Student-centered learning makes more sense to me. In its simplest form, it means the student has real responsibility over what gets learned and how, rather than acting as a passive receiver of whatever the instructor decides to deliver. It shifts the emphasis from teaching as performance to learning as an activity. I may not always wish to be taught, but I do wish to learn; the paper referenced a line like this attributed to Winston, and it captures the difference well. What matters in education is what the students learn, not what the teacher teaches. If you actually believe that, then you should prefer a model that makes the learner do the work of learning.

The arguments for the student-centered approach are not complicated. It makes learning active rather than passive, and it trains the habit that matters most in medicine: the ability to identify what you don’t know and then go out of your way to fix it. It also allows the student to learn in a way that can actually be efficient for them rather than being forced into a one-size-fits-all method that cannot be guaranteed valuable on the instructor side. Besides, learning on your own is simply more fun. You get to do it your own way, and you get to chase coherence instead of pretending that compliance is understanding.

The objections to student-centered learning tend to be weak. One objection is that many teachers have only experienced a teacher-centered approach. My objection is that this is not a valid argument against the principles of student-centered learning. It’s an argument that the familiar approach is convenient, not that it is better. Education should never be treated with such obstinance. Another objection is that students may be apprehensive because their previous experience was teacher-centered. My objection is harsher: if you’ve never gone out of your way to learn on your own and you feel threatened by the idea, in your lack of curiosity, you don’t deserve to be educated. Deal with it. Physicians have a moral obligation to learn for their patients without being spoon-fed—keeping up with literature, relearning what time has eroded, and updating what evidence overturns. If you can’t do that, don’t become a physician. Student-centered learning emphasizes exactly this form of active learning, and that is why I argue for it very liberally.

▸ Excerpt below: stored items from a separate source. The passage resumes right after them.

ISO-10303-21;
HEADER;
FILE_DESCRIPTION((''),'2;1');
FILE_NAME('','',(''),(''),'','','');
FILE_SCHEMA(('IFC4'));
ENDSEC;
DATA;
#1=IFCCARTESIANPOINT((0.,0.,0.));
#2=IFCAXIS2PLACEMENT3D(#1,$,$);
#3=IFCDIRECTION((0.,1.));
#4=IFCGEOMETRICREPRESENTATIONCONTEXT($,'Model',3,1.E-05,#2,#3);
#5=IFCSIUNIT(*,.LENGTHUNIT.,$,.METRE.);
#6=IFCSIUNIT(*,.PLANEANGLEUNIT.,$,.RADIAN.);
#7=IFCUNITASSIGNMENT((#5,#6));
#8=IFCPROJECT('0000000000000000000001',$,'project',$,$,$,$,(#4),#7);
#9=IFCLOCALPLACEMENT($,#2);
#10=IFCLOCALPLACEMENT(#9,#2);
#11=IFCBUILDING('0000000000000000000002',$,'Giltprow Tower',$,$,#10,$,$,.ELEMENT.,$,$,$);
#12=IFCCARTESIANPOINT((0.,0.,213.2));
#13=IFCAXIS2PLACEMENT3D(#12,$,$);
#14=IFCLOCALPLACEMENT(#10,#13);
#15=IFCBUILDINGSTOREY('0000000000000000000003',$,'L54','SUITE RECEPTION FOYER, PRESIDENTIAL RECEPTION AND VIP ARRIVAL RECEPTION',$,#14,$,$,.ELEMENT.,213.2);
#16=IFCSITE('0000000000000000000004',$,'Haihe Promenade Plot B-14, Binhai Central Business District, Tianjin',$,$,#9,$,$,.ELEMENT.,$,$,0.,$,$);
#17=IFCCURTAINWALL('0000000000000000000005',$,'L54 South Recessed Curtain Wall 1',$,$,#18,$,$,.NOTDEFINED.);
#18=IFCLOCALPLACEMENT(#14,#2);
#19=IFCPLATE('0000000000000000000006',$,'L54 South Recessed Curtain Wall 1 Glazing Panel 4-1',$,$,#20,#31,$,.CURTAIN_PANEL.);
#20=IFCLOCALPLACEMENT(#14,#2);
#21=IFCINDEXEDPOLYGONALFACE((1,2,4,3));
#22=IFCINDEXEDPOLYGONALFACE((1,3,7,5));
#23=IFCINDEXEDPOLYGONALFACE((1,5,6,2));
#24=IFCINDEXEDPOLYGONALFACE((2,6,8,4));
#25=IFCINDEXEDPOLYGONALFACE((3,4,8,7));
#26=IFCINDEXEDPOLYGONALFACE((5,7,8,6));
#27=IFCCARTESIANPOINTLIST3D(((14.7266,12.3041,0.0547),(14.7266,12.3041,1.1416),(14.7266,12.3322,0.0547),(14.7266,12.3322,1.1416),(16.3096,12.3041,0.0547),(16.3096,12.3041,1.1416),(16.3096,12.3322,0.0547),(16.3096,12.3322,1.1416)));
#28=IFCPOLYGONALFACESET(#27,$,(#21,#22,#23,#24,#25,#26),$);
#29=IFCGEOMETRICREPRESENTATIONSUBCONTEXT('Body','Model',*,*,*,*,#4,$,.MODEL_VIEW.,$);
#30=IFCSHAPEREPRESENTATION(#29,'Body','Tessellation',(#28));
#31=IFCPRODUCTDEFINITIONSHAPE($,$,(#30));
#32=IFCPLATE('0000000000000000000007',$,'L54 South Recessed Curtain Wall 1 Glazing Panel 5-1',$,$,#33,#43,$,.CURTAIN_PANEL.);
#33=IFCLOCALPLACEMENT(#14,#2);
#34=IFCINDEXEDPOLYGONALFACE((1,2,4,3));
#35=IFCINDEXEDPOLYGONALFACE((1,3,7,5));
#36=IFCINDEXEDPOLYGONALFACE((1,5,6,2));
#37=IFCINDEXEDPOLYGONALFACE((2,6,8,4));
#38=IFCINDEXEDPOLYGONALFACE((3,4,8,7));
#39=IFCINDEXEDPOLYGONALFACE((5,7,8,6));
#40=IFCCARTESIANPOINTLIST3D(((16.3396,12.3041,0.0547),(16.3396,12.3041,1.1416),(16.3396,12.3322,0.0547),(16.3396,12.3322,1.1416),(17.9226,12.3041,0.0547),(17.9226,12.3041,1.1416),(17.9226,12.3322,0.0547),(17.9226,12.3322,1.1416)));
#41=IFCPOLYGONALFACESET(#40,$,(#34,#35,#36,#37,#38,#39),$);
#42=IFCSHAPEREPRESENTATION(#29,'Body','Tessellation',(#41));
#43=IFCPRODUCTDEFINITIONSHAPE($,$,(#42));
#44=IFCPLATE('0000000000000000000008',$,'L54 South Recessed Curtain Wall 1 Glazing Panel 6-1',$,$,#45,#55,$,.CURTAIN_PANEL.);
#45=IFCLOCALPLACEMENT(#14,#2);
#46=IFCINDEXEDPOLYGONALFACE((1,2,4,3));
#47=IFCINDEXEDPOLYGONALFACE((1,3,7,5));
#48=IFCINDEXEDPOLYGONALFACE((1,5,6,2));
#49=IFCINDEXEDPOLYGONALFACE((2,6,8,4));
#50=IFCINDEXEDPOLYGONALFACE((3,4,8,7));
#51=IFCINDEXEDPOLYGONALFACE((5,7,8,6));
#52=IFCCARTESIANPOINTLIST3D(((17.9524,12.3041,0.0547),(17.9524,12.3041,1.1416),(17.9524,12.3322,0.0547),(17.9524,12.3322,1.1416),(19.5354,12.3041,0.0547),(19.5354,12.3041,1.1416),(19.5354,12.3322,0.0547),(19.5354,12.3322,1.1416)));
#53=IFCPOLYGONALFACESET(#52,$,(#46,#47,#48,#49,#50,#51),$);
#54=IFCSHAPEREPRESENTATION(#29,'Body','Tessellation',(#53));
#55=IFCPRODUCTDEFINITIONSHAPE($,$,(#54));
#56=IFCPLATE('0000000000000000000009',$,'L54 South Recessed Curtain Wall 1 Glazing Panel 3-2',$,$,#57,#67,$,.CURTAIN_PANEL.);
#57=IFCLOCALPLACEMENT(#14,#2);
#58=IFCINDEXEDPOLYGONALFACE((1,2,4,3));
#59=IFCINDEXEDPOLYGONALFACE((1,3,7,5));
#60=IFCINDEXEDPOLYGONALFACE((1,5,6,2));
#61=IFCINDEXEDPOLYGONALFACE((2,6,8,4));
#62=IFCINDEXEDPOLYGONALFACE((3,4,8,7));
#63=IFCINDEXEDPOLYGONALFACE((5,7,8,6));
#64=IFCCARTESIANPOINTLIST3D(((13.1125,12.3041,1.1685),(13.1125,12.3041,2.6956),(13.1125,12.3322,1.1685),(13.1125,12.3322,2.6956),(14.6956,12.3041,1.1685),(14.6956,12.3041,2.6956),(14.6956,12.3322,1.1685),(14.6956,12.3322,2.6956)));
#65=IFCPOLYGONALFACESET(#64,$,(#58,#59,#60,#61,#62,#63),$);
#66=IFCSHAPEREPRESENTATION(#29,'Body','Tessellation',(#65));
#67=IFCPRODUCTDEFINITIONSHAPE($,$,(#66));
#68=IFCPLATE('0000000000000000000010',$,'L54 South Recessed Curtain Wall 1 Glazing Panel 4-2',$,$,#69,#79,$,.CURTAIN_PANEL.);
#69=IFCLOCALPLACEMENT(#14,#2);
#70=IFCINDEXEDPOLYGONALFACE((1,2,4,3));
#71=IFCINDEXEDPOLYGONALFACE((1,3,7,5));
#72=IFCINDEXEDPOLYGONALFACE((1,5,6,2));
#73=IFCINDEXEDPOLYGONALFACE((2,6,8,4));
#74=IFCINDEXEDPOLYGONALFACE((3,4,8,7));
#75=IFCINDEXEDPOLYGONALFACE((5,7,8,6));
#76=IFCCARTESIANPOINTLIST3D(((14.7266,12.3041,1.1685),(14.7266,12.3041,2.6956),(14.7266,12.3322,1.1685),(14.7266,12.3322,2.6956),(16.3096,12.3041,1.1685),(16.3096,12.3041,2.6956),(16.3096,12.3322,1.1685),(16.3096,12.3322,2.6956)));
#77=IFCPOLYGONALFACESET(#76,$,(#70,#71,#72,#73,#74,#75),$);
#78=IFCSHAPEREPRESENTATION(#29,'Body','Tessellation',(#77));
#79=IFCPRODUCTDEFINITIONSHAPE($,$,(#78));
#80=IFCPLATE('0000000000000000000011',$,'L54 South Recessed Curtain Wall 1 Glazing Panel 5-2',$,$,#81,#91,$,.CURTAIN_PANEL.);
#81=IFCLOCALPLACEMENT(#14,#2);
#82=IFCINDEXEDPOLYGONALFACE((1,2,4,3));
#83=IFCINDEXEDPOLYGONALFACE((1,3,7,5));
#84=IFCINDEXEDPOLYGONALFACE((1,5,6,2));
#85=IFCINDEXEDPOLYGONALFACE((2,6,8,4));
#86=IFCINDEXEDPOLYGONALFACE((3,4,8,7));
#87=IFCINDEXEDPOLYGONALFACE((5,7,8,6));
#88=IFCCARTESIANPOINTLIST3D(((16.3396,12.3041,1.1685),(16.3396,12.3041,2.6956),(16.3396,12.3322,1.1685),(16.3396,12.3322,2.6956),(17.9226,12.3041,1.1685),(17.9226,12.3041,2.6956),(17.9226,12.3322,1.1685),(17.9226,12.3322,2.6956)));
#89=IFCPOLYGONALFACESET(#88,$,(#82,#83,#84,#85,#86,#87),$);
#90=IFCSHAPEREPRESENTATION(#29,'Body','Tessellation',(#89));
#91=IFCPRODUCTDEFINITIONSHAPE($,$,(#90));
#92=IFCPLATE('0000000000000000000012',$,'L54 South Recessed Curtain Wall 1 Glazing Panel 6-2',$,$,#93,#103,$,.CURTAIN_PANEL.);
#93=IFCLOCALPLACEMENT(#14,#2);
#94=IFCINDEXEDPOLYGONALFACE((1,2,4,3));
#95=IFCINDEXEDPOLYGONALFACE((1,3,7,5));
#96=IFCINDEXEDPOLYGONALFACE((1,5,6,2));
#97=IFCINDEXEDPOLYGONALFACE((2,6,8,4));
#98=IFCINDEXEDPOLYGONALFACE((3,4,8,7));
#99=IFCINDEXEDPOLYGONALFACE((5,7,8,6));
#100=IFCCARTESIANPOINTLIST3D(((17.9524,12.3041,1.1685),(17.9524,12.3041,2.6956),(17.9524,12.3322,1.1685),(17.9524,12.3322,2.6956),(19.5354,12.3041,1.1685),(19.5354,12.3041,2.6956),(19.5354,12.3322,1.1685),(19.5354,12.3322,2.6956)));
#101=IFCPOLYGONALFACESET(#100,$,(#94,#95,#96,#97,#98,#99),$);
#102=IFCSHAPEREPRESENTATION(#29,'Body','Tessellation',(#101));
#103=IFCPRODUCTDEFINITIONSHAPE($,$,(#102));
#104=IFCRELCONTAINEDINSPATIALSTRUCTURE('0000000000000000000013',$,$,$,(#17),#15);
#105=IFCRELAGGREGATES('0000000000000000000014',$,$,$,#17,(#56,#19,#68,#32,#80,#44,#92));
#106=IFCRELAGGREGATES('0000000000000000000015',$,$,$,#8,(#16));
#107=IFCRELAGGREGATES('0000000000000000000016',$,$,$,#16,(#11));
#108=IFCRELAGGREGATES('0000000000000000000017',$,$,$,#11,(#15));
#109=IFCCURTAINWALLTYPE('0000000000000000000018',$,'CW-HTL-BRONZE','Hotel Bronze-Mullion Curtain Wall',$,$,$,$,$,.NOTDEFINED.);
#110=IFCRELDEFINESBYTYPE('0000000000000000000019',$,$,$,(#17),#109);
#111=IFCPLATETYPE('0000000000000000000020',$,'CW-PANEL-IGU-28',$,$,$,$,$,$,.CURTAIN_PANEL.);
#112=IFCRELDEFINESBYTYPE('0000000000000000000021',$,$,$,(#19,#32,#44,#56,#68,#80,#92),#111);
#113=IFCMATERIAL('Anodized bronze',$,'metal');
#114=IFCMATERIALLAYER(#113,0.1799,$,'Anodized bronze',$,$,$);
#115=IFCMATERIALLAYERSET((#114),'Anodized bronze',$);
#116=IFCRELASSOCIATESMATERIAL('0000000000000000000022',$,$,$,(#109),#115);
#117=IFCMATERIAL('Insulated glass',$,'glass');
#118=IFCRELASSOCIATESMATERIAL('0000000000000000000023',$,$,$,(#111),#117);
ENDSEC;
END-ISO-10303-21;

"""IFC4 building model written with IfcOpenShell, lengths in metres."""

from ifc_helpers import new_model, si_unit, direction, frame, origin, origin_2d, place, context, subcontext, project, spatial, rectangle, extrude, source, transform, mapped, material, layer, layer_set, type_object, element, aggregate, save


model = new_model("IFC4")

# Units and contexts
model_context = context("Model", 3, precision=1e-05, world=origin(), true_north=direction((0.0, 1.0)))
body_context = subcontext(model_context, "Body", "Model", "MODEL_VIEW")
ifc_project = project(units=[si_unit("LENGTHUNIT", "METRE"), si_unit("PLANEANGLEUNIT", "RADIAN")], contexts=[model_context])

# Site, building, storey
site_placement = place(None, origin())
site = spatial("IfcSite", under=ifc_project, at=site_placement, Name="Haihe Promenade Plot B-14, Binhai Central Business District, Tianjin", CompositionType="ELEMENT", RefElevation=0.0)
building_placement = place(site_placement, origin())
building = spatial("IfcBuilding", under=site, at=building_placement, Name="Giltprow Tower", CompositionType="ELEMENT")
storey_placement = place(building_placement, frame((0.0, 0.0, 213.2)))
storey = spatial("IfcBuildingStorey", under=building, at=storey_placement, Name="L54", Description="SUITE RECEPTION FOYER, PRESIDENTIAL RECEPTION AND VIP ARRIVAL RECEPTION", CompositionType="ELEMENT", Elevation=213.2)

# Curtain wall, plates
ifc_material_1 = material(Name="Anodized bronze", Category="metal")
ifc_layer = layer(ifc_material_1, 0.1799, Name="Anodized bronze")
ifc_layer_set = layer_set([ifc_layer], Name="Anodized bronze")
curtain_wall_type = type_object("IfcCurtainWallType", Name="CW-HTL-BRONZE", Description="Hotel Bronze-Mullion Curtain Wall", PredefinedType="NOTDEFINED", material=ifc_layer_set)
curtain_wall_placement = place(storey_placement, origin())
curtain_wall = element("IfcCurtainWall", 1, at=curtain_wall_placement, inside=storey, type_object=curtain_wall_type, Name="L54 South Recessed Curtain Wall 1", PredefinedType="NOTDEFINED")
ifc_material_2 = material(Name="Insulated glass", Category="glass")
plate_type = type_object("IfcPlateType", Name="CW-PANEL-IGU-28", PredefinedType="CURTAIN_PANEL", material=ifc_material_2)
shared_shape_1 = source(origin(), body_context, "Body", "SweptSolid", [
    extrude(rectangle(XDim=1.583, YDim=0.0281, at=origin_2d()), origin(), (0.0, 0.0, 1.0), 1.0869),
])
plate_1_placement = place(storey_placement, frame((15.5181, 12.3181, 0.0547), z_axis=(0.0, 0.0, 1.0), x_axis=(1.0, 0.0, 0.0)))
plate_1 = element("IfcPlate", 2, at=plate_1_placement, type_object=plate_type, Name="L54 South Recessed Curtain Wall 1 Glazing Panel 4-1", PredefinedType="CURTAIN_PANEL", context=body_context, shape_type="MappedRepresentation", body=[
    mapped(shared_shape_1, transform((0.0, 0.0, 0.0), x_axis=(1.0, 0.0, 0.0), y_axis=(0.0, 1.0, 0.0), z_axis=(0.0, 0.0, 1.0), scale=1.0)),
])
plate_2_placement = place(storey_placement, frame((17.1311, 12.3181, 0.0547), z_axis=(0.0, 0.0, 1.0), x_axis=(1.0, 0.0, 0.0)))
plate_2 = element("IfcPlate", 3, at=plate_2_placement, type_object=plate_type, Name="L54 South Recessed Curtain Wall 1 Glazing Panel 5-1", PredefinedType="CURTAIN_PANEL", context=body_context, shape_type="MappedRepresentation", body=[
    mapped(shared_shape_1, transform((0.0, 0.0, 0.0), x_axis=(1.0, 0.0, 0.0), y_axis=(0.0, 1.0, 0.0), z_axis=(0.0, 0.0, 1.0), scale=1.0)),
])
plate_3_placement = place(storey_placement, frame((18.7439, 12.3181, 0.0547), z_axis=(0.0, 0.0, 1.0), x_axis=(1.0, 0.0, 0.0)))
plate_3 = element("IfcPlate", 4, at=plate_3_placement, type_object=plate_type, Name="L54 South Recessed Curtain Wall 1 Glazing Panel 6-1", PredefinedType="CURTAIN_PANEL", context=body_context, shape_type="MappedRepresentation", body=[
    mapped(shared_shape_1, transform((0.0, 0.0, 0.0), x_axis=(1.0, 0.0, 0.0), y_axis=(0.0, 1.0, 0.0), z_axis=(0.0, 0.0, 1.0), scale=1.0)),
])
shared_shape_2 = source(origin(), body_context, "Body", "SweptSolid", [
    extrude(rectangle(XDim=1.583, YDim=0.0281, at=origin_2d()), origin(), (0.0, 0.0, 1.0), 1.5271),
])
plate_4_placement = place(storey_placement, frame((13.9041, 12.3181, 1.1685), z_axis=(0.0, 0.0, 1.0), x_axis=(1.0, 0.0, 0.0)))
plate_4 = element("IfcPlate", 5, at=plate_4_placement, type_object=plate_type, Name="L54 South Recessed Curtain Wall 1 Glazing Panel 3-2", PredefinedType="CURTAIN_PANEL", context=body_context, shape_type="MappedRepresentation", body=[
    mapped(shared_shape_2, transform((0.0, 0.0, 0.0), x_axis=(1.0, 0.0, 0.0), y_axis=(0.0, 1.0, 0.0), z_axis=(0.0, 0.0, 1.0), scale=1.0)),
])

Problem-based Learning vs Information-gathering Model

I also argue for problem-based learning over the information-gathering model. Problem-based learning means starting with a problem or condition and using that as the engine that determines what you need to learn, so that basic sciences are pulled in as tools for explanation. The information-gathering model goes the other way: you accumulate foundational facts first, usually sorted by discipline, and only later apply them to conditions. When problem solving in the hospital or clinic, clinical reasoning should trace a path that begins with manifestations—lab tests, symptoms, radiology—and then moves toward potential causes grounded in the basic sciences. Manifestation leads you to mechanism. That aligns naturally with problem-based learning, where you meet the condition first and then learn the causes through a deeper dive, which forces the foundational sciences to become meaningful rather than decorative.

The information-gathering model feels backwards to me. It moves from basic sciences to conditions and asks the student to trust that relevance will appear later. I don’t understand the logic behind this as a default. It feels like a convenient and lossy curriculum derived from textbooks that are demarcated by subject matter, rather than an attempt at an integrated and coherent curriculum. Problem-based learning also helps eliminate superfluous information, because every piece of foundational science you learn should be required for a full explanation. It is far too common within education to learn unnecessary information simply because it exists, not because it is needed.

The common objections to problem-based learning are also predictable. One is that you need a solid foundation first, and vocabulary matters, as emphasized in the information-gathering model. I don’t understand why you can’t do this within problem-based learning. If you dive deep enough into any clinical problem, you will always find the foundations, and you will learn more than enough to explain pathological phenomena. And vocabulary is easy. Learn the medical Latin and Greek roots and you’re good; it isn’t too difficult to intuit what a structure or process is once you break the word into its component roots. Another objection is that problem-based learning places a heavy load on instructors because it requires well-prepared, integrated material aligned with problem solving. That’s understandable, but it’s not an argument against the principles of problem-based learning. It’s an argument for the avoidance of such practices, which is a different thing.

Integreated vs Discipline-based Teaching

In the same vein, I argue for integrated teaching rather than discipline-based teaching. Discipline-based teaching segments medicine into separate subjects—anatomy here, physiology there, pathology somewhere else—and then expects the student to assemble the overall picture on their own. Integrated teaching attempts to interrelate these areas deliberately so that the student is not forced to do all the synthesis after the fact. Integration can be horizontal, meaning integration across disciplines at the same stage, like learning anatomy and physiology together within a system, or vertical, meaning integration across time, linking basic sciences with clinical thinking rather than pretending basic science ends when the clinic begins. The integrated approach aligns with problem solving because adequate explanations for real conditions usually require multiple disciplines at once. The body does not respect departmental boundaries, so education should stop acting like it does.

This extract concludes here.